Audio & Speech

FastMSS simulator sparks synthetic data recipe for multi-talker ASR & diarization

Synthetic-only training now rivals real data, plus FastMSS boosts both tasks

Deep Dive

A new paper by Polok et al. (Brno University, Hitachi, CMU) tackles the shortage of real multi-talker conversational recordings by studying how synthetic data generation affects state-of-the-art systems. They introduce FastMSS, a highly efficient open-source simulator, and test it on leading architectures: DiCoW for multi-talker ASR and Sortformer for speaker diarization. The study systematically examines turn-taking dynamics, source domain choice, acoustic augmentations, and mixing strategies, revealing that optimal simulation recipes are highly task-dependent.

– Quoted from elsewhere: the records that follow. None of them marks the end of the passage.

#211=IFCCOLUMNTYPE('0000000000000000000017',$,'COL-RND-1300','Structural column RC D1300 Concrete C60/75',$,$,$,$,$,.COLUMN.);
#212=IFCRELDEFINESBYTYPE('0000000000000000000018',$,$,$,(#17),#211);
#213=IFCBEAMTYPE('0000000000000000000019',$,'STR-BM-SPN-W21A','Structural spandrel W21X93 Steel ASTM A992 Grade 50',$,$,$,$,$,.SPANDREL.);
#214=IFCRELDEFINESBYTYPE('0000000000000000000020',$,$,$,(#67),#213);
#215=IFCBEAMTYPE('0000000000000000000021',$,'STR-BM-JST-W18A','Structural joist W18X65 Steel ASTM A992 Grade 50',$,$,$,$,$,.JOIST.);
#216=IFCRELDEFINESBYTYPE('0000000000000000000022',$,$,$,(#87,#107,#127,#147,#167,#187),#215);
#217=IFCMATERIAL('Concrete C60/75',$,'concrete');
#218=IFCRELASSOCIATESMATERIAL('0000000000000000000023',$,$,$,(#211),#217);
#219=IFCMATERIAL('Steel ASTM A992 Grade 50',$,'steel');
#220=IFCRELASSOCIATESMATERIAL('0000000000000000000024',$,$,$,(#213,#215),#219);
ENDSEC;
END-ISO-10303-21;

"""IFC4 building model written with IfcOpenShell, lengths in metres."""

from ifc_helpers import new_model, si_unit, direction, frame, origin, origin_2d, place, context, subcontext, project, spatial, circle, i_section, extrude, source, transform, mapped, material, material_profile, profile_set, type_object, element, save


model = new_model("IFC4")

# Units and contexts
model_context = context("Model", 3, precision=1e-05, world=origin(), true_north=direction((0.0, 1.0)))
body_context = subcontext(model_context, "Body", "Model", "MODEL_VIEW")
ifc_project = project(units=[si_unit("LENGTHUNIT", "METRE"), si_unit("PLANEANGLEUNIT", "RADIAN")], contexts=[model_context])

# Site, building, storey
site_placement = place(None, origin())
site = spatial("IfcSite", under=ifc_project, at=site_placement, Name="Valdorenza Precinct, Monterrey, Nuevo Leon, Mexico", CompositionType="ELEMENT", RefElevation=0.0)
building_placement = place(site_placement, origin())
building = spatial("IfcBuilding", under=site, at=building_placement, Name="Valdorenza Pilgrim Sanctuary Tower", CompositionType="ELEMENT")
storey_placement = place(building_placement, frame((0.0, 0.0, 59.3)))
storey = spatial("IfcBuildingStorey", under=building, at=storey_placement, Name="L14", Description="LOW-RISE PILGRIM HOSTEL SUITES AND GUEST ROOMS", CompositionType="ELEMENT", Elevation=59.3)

Key findings include: increasing speech overlap boosts ASR performance but degrades diarization accuracy, while using broad source diversity consistently outperforms matching the exact target domain. Most strikingly, synthetic-only training now approaches real-data baselines, and combining simulated data with real recordings yields substantial gains over real-only training for both tasks. The work, submitted to INTERSPEECH 2026, provides practical guidelines for generating effective synthetic conversational datasets, helping the field close the gap between simulated mixtures and real-world interactions.

Key Points
  • FastMSS is a new open-source simulator for generating multi-talker conversational audio with controlled turn-taking.
  • Increasing speech overlap improves multi-talker ASR (DiCoW) but hurts speaker diarization (Sortformer).
  • Synthetic-only training approaches real-data baselines; synthetic+real outperforms real-only for both tasks.

Why It Matters

Paves the way for cheaper, scalable training of voice assistants and meeting transcription systems without expensive real recordings.